Well it is dairy and even tho it may settle ur stomach it's normally bound to have a poor effect on your Ibs later. Yakult helps me tho :/ x


----------



## Brittany123 (Jan 27, 2012)

iMe22 said:


> so my mom got this yogurt stuff called activia, and it claims to help digestive systems. does anyone know if it works? i'm gonna try it out, just to see, and stuff, but has anyone tried it yet?

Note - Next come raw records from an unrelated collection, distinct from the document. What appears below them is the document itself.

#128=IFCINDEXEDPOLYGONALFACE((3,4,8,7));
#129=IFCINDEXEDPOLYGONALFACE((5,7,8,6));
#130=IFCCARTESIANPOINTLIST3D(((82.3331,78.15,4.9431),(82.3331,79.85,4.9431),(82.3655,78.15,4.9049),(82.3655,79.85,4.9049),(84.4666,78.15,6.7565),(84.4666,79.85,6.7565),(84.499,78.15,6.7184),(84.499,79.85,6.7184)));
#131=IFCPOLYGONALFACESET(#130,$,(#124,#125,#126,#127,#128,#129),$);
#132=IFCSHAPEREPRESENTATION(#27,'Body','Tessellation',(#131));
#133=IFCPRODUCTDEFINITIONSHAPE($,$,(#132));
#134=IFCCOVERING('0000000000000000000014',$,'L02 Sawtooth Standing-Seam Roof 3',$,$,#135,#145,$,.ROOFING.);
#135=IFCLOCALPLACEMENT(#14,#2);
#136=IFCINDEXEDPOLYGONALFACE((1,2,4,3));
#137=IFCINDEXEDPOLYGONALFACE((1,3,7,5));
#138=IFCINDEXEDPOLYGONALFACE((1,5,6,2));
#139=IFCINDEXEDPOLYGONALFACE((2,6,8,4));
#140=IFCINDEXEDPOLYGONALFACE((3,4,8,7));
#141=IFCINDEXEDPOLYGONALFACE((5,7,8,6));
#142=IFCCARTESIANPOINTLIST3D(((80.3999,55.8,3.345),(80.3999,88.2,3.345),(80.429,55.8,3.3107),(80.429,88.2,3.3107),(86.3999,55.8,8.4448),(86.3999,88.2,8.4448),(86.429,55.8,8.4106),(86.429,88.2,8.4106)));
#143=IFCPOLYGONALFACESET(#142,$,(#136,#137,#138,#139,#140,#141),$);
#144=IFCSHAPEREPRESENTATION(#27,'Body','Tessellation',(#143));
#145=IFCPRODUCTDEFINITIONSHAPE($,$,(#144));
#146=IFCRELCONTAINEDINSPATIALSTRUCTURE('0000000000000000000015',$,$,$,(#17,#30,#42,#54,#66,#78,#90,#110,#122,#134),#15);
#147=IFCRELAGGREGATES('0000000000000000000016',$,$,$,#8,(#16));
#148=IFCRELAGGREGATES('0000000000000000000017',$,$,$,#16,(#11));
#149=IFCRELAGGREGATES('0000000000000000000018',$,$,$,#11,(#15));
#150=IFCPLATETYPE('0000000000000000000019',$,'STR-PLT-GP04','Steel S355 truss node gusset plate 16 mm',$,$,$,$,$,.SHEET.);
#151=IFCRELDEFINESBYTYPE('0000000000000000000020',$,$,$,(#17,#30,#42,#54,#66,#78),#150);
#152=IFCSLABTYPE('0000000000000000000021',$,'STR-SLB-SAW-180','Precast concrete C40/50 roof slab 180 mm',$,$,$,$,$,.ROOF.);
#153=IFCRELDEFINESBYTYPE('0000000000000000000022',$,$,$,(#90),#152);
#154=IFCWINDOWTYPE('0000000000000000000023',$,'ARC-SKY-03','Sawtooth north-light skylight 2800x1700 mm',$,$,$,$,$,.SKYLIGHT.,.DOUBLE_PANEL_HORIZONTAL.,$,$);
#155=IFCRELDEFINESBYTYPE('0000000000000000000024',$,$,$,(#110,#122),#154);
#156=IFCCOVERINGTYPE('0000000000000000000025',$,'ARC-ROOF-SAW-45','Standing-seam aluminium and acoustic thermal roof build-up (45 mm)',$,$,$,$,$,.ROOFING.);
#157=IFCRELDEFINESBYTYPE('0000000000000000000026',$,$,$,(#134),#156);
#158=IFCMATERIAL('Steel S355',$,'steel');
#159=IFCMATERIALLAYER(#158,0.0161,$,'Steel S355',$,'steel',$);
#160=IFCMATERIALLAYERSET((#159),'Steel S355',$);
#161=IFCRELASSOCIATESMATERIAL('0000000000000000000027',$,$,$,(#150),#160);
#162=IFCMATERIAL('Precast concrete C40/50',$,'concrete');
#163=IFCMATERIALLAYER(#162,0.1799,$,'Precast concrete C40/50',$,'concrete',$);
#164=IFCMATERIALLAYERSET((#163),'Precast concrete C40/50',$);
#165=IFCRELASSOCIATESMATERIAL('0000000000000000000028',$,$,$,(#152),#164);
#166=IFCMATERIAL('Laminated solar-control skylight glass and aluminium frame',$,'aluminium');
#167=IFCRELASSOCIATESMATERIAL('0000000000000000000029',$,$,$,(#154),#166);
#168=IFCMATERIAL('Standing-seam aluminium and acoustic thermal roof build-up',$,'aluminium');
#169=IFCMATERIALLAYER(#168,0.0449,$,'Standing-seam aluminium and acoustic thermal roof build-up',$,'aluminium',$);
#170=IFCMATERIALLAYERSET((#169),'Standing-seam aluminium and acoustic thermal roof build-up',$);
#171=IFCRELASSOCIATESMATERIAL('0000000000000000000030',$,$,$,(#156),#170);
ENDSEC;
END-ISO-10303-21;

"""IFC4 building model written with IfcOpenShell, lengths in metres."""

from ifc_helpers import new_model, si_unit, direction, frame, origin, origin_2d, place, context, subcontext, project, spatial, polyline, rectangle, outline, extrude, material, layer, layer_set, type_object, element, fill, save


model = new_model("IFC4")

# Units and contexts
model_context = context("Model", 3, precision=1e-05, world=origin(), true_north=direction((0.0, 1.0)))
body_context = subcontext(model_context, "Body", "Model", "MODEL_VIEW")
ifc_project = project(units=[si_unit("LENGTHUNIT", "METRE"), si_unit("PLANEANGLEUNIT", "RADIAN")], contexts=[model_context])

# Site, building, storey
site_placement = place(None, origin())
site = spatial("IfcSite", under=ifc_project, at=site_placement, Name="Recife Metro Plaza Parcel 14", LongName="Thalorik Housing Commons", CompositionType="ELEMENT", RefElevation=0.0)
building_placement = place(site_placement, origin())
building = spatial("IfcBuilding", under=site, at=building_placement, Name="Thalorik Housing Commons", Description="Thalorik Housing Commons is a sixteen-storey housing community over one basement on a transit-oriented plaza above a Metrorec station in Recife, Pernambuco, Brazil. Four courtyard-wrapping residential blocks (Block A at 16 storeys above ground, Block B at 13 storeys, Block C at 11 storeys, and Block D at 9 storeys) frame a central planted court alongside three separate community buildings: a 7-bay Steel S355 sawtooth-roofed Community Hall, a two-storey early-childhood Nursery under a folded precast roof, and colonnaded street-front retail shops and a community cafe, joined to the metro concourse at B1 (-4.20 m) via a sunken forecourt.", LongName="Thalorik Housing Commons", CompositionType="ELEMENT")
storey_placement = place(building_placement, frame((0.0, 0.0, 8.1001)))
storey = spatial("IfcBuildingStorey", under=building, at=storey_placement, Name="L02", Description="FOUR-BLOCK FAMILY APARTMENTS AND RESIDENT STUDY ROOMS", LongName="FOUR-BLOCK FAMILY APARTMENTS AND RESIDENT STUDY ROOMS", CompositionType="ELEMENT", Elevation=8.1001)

Yeah im 13 and my mom got me the Activia stuff to me i did not see any change and sorry this post is so late compared to when you posted this question. I just got a profile. But i would give it a try


----------



## Bridget_12 (Dec 5, 2011)

I tried it but it didn't do anything. Supposedly it works differently for everybody. It helps some and doesnt help others.


----------



## Emilye13 (Jul 3, 2012)

I tried it but it didn't work because dairy doesnt help me.


----------



## spensuh (Jan 28, 2013)

Does anyone know how much fiber one packet/cup has? Would eating more than one a day help?


----------



## LauLau26 (Nov 3, 2012)

Eating more than one fiber packet a day might be a bad move. It's about finding the balance between being able to go and not being able to go.

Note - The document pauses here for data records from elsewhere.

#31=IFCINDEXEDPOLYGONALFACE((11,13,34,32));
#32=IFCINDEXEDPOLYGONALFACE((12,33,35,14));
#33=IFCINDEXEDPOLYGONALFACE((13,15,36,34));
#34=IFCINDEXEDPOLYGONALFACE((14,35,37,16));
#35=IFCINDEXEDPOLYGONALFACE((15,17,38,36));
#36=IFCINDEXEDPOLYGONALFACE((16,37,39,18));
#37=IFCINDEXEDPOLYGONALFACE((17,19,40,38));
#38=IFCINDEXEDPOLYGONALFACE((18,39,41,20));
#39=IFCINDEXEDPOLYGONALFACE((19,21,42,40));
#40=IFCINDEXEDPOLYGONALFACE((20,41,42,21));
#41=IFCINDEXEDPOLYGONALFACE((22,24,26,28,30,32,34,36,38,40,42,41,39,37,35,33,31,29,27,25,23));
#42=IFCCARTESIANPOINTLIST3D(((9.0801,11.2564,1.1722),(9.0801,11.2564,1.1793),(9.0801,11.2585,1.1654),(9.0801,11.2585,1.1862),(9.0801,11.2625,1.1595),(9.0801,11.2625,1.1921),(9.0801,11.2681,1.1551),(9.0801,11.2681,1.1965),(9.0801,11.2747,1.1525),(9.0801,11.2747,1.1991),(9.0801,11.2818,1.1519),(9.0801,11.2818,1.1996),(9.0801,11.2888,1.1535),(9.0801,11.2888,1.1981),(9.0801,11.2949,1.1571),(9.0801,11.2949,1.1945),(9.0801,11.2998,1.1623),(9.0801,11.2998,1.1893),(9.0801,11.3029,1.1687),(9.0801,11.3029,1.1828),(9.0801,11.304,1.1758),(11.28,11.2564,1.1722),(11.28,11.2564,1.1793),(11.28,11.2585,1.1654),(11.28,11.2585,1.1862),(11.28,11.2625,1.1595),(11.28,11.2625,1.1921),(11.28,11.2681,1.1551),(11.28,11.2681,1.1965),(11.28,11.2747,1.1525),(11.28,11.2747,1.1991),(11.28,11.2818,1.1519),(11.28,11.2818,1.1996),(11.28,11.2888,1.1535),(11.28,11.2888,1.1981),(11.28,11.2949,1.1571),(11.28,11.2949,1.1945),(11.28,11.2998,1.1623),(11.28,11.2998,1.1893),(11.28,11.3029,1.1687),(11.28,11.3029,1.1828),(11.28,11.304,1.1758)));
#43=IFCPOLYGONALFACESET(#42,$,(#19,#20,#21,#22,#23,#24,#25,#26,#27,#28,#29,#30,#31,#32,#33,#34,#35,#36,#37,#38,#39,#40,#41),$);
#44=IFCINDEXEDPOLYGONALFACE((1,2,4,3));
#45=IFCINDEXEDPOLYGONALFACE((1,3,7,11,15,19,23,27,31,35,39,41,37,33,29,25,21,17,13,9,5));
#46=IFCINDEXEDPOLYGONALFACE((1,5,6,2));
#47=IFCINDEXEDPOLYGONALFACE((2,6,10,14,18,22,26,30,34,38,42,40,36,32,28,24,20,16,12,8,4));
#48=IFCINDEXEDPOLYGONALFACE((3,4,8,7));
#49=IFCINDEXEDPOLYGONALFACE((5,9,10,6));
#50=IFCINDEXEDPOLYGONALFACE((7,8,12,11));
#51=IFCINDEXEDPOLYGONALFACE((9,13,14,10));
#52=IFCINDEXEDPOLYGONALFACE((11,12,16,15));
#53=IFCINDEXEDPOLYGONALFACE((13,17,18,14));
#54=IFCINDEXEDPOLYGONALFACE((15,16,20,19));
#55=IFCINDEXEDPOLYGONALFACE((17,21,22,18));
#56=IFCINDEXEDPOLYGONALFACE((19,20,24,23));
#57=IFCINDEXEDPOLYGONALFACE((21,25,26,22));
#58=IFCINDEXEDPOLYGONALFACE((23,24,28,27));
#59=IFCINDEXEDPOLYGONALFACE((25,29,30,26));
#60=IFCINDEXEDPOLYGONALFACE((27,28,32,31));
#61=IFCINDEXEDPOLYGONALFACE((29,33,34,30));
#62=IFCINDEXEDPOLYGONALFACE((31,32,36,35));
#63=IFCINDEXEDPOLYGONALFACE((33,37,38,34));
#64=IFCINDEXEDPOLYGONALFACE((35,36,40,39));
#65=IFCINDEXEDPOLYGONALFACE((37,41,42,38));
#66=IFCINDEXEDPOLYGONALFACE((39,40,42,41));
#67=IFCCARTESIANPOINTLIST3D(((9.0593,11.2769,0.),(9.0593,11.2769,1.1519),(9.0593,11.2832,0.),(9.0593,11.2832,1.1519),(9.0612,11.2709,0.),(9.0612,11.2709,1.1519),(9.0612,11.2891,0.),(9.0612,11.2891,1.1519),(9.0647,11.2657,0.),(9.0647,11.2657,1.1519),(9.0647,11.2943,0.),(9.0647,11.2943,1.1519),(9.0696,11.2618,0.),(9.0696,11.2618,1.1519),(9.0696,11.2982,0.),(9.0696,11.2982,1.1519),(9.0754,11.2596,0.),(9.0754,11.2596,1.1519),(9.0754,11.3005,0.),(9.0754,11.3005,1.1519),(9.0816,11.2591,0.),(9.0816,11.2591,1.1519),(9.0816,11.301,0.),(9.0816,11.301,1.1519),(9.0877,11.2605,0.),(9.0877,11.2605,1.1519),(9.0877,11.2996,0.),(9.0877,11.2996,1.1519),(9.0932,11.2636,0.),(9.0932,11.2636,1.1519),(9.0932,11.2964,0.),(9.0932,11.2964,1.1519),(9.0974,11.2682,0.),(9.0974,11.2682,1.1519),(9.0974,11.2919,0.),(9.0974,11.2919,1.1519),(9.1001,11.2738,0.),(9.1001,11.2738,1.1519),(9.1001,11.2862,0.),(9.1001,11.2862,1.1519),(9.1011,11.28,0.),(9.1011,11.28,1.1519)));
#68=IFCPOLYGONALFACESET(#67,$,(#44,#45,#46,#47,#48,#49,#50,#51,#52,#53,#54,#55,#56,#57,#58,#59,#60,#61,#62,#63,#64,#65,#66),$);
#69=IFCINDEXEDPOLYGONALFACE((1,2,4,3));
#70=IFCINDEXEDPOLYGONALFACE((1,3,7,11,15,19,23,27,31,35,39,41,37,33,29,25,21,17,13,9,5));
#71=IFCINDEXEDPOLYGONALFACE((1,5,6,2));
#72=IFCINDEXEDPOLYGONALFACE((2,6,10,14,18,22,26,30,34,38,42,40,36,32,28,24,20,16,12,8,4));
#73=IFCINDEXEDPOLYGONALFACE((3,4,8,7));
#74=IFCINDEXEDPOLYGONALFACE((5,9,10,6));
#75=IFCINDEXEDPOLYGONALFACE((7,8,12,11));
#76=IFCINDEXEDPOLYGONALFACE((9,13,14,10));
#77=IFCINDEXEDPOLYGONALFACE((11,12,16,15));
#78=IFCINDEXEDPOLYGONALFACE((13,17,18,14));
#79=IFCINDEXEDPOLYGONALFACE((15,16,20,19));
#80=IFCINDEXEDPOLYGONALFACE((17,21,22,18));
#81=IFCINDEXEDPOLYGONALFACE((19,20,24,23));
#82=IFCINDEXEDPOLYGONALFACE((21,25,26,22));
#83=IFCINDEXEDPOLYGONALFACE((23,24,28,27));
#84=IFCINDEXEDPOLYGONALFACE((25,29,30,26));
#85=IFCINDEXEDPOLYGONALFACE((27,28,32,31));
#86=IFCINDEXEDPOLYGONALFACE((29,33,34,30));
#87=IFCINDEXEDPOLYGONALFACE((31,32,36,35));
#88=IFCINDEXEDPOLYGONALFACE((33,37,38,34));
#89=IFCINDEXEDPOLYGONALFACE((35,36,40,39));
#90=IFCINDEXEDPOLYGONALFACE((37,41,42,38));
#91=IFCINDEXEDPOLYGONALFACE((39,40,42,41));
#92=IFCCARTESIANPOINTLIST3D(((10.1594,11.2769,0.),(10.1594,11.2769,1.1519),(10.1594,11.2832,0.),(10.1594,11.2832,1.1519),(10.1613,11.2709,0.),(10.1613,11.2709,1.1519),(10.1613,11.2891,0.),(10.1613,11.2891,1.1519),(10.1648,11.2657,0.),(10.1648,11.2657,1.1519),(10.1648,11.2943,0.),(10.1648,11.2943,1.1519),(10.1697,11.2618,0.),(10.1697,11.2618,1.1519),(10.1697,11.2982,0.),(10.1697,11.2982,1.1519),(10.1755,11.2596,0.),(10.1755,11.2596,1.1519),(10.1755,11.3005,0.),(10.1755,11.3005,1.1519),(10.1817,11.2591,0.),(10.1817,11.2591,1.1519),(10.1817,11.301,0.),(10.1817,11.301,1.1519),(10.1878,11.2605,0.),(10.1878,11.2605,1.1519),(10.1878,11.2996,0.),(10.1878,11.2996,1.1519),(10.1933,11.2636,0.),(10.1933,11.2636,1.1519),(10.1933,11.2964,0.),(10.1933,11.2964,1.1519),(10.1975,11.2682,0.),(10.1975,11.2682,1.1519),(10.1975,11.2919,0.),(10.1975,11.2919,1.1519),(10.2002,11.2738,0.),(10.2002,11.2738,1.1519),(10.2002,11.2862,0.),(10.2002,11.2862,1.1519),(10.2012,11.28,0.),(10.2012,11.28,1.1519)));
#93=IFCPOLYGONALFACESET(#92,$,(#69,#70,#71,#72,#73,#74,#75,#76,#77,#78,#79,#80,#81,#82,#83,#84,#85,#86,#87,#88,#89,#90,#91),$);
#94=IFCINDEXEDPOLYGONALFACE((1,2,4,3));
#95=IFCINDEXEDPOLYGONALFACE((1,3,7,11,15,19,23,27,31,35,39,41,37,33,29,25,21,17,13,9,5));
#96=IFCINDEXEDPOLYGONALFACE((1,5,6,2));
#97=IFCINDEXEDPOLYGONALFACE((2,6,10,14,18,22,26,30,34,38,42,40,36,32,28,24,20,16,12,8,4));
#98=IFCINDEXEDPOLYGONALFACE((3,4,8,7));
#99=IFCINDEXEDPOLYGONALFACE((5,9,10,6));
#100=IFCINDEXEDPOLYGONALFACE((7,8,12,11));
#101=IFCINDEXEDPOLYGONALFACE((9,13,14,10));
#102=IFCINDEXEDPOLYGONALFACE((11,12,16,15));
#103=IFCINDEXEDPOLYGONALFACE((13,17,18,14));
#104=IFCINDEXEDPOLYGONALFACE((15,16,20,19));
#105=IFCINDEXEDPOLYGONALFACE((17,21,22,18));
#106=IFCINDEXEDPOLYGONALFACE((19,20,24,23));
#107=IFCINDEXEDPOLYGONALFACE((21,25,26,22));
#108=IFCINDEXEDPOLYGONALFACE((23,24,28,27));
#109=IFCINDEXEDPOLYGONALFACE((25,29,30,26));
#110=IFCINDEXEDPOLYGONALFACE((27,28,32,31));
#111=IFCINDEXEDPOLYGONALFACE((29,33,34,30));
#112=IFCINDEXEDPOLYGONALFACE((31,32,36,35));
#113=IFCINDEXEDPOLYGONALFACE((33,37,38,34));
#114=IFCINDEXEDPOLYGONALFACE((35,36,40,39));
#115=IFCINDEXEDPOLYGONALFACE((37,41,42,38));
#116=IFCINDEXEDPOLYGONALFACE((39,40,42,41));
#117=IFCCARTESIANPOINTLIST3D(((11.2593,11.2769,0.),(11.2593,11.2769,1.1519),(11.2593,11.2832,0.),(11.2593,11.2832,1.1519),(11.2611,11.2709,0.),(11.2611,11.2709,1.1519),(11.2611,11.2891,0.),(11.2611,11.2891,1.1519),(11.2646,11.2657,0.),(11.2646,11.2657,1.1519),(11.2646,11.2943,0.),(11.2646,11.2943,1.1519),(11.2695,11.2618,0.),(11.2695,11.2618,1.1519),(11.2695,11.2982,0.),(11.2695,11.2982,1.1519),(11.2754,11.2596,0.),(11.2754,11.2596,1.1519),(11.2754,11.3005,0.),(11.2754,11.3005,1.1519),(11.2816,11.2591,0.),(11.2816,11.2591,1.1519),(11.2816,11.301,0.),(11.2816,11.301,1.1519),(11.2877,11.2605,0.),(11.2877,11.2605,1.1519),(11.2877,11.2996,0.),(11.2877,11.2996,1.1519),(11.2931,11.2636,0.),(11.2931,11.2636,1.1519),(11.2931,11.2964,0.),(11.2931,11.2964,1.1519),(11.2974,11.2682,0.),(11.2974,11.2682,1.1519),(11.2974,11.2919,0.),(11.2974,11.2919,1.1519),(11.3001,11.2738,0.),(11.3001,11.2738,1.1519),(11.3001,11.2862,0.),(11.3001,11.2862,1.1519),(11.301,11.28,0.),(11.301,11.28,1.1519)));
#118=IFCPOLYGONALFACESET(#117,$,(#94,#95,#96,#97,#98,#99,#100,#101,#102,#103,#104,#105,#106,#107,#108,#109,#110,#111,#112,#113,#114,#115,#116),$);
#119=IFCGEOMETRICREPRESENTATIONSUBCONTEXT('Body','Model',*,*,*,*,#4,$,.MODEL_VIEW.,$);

As for the activia, it may help to an extent because probiotics apparently work in some people, but if you can't have dairy I wouldn't reccomend it.


----------



## spensuh (Jan 28, 2013)

LauLau26 said:


> Eating more than one fiber packet a day might be a bad move. It's about finding the balance between being able to go and not being able to go.
> 
> As for the activia, it may help to an extent because probiotics apparently work in some people, but if you can't have dairy I wouldn't reccomend it.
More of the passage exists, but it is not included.